Most new sikhs are not punjabis. Here's a link from where new sikhs probably come from:
http://www.kundaliniyoga.com/Clients/ikyta/Members.nsf/Members Directory?OpenForm


----------



## Archived_Member_19 (Oct 29, 2007)

clarkejoey,

you are spot on

ppl mix up sikhism and punjabi culture

whatever you see being done as "rituals" in any of the gurudwaras has roots in punjabi culture

langar served sitting on ground has punjabi/indian cultural roots

doing chaur over SGGS has punjabi roots

matha tekna has punjabi roots

preparing only wheat & desi ghee deg has punjabi roots

...

the list goes on and on and on

the essence of sikhism is lost many a times in show of punjabi culture


----------



## clarkejoey (Oct 29, 2007)

"Sikhism is not regional but global, universal." said Begum.

That's what I thought; in fact, as someone far, far from Punjabi culture, the closest thing to an obstacle in my Sikh journey is exactly this: where does Punjabi end and Sikh begin? I understand the retention of the original language(s) of scripture, i understand the use of cultural symbols (turban, sword, etc.)... but the impression one sometimes gets is that one must adopt a wholly Punjabi lifestyle/selfimage in order to be a Sikh. But that can't be; any religion worthy of the whole human race must be adaptable to the whole of human culture.

For instance, i find the language a HUGE difficulty, and i have no doubt that others who might have made a contribution have turned away because of it.

Is it that Sikhs themselves (ourselves) are not secure in their (our) identity?


----------



## Astroboy (Nov 25, 2007)

The spread of Sikhism would naturally follow a certain pathway. By this I mean, people who come into Sikhism through conversion are automatically going to go through the fusion at first - fusion of their culture with the teachings of Sikhism. We may not look at the whole thing as going according to plan but it is natural for people to mix their culture with religion.

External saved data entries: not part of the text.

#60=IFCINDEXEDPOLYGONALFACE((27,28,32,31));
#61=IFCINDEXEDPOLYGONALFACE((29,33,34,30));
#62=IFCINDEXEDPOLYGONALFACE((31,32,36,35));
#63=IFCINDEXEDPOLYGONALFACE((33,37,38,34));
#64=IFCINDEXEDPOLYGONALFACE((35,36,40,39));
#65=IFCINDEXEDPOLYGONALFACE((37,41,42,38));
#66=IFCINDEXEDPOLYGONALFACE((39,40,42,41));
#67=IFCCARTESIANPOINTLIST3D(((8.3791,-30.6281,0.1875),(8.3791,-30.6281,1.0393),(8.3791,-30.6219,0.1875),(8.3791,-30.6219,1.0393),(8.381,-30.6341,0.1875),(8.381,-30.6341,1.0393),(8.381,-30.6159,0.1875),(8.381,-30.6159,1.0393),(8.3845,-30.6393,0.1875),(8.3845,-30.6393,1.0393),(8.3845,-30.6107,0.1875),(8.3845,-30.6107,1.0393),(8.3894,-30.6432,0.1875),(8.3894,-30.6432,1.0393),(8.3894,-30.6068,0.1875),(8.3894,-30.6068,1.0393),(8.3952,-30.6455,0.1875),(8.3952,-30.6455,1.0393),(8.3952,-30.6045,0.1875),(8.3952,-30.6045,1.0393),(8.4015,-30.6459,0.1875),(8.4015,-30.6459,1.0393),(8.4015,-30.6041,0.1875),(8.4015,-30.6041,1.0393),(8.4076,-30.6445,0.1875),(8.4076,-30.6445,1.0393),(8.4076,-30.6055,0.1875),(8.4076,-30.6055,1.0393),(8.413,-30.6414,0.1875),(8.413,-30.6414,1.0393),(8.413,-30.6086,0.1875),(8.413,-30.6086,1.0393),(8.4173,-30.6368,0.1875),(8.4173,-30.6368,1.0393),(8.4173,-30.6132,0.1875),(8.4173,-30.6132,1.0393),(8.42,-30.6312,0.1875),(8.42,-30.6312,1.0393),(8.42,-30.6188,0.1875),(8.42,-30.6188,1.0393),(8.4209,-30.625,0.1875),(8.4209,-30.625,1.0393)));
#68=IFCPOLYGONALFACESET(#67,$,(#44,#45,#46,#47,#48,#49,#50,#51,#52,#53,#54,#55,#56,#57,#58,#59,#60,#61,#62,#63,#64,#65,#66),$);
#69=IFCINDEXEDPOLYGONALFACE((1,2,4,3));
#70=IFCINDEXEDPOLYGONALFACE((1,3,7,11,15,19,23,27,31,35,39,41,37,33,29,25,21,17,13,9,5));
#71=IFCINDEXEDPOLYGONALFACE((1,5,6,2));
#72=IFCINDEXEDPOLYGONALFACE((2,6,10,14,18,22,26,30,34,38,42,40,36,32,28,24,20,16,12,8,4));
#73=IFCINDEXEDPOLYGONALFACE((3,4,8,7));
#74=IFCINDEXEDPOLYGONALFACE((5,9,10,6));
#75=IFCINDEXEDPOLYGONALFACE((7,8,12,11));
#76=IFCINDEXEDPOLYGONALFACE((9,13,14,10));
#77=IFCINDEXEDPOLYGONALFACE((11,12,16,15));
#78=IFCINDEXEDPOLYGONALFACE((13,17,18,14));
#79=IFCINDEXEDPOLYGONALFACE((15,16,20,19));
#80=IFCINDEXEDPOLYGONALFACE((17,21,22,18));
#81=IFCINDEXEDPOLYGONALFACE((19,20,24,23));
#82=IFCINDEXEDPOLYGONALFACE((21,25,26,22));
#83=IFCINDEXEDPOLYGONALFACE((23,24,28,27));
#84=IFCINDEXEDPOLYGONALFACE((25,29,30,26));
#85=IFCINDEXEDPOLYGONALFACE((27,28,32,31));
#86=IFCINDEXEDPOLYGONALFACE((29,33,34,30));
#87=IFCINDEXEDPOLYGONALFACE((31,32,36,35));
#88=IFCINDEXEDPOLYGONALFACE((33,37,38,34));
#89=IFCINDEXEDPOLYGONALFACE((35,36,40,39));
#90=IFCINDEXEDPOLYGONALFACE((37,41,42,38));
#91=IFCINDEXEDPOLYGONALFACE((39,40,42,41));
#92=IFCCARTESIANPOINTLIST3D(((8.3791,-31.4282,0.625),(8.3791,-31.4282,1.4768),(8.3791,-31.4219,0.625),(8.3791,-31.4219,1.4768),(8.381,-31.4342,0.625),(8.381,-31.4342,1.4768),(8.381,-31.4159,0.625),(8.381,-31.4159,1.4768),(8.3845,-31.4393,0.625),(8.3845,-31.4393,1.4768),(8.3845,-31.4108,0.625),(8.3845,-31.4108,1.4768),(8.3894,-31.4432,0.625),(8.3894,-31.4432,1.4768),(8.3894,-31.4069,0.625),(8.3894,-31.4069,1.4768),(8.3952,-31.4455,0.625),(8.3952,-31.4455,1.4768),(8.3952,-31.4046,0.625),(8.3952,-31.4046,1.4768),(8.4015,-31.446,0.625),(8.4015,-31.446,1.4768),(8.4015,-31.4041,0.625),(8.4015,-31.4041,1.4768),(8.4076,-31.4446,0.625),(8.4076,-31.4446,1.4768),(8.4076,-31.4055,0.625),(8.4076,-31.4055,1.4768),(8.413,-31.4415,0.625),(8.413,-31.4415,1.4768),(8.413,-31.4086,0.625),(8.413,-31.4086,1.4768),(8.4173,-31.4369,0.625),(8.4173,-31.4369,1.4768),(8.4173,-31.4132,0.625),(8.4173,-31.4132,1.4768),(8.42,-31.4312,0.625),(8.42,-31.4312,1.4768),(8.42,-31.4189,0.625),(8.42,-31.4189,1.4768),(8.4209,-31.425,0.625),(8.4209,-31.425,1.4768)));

Say for eg, if there is a concentration of new sikhs in Russia, they would opt for the Russian Dance instead of the Bhangra. It might look like a mess but it isn't. It will take alot of time for Russian new Sikhs to separate their culture from the Sikh religion.

Comments welcomed.


----------



## kds1980 (Nov 25, 2007)

> Say for eg, if there is a concentration of new sikhs in Russia, they would opt for the Russian Dance instead of the Bhangra. It might look like a mess but it isn't. It will take alot of time for Russian new Sikhs to separate their culture from the Sikh religion.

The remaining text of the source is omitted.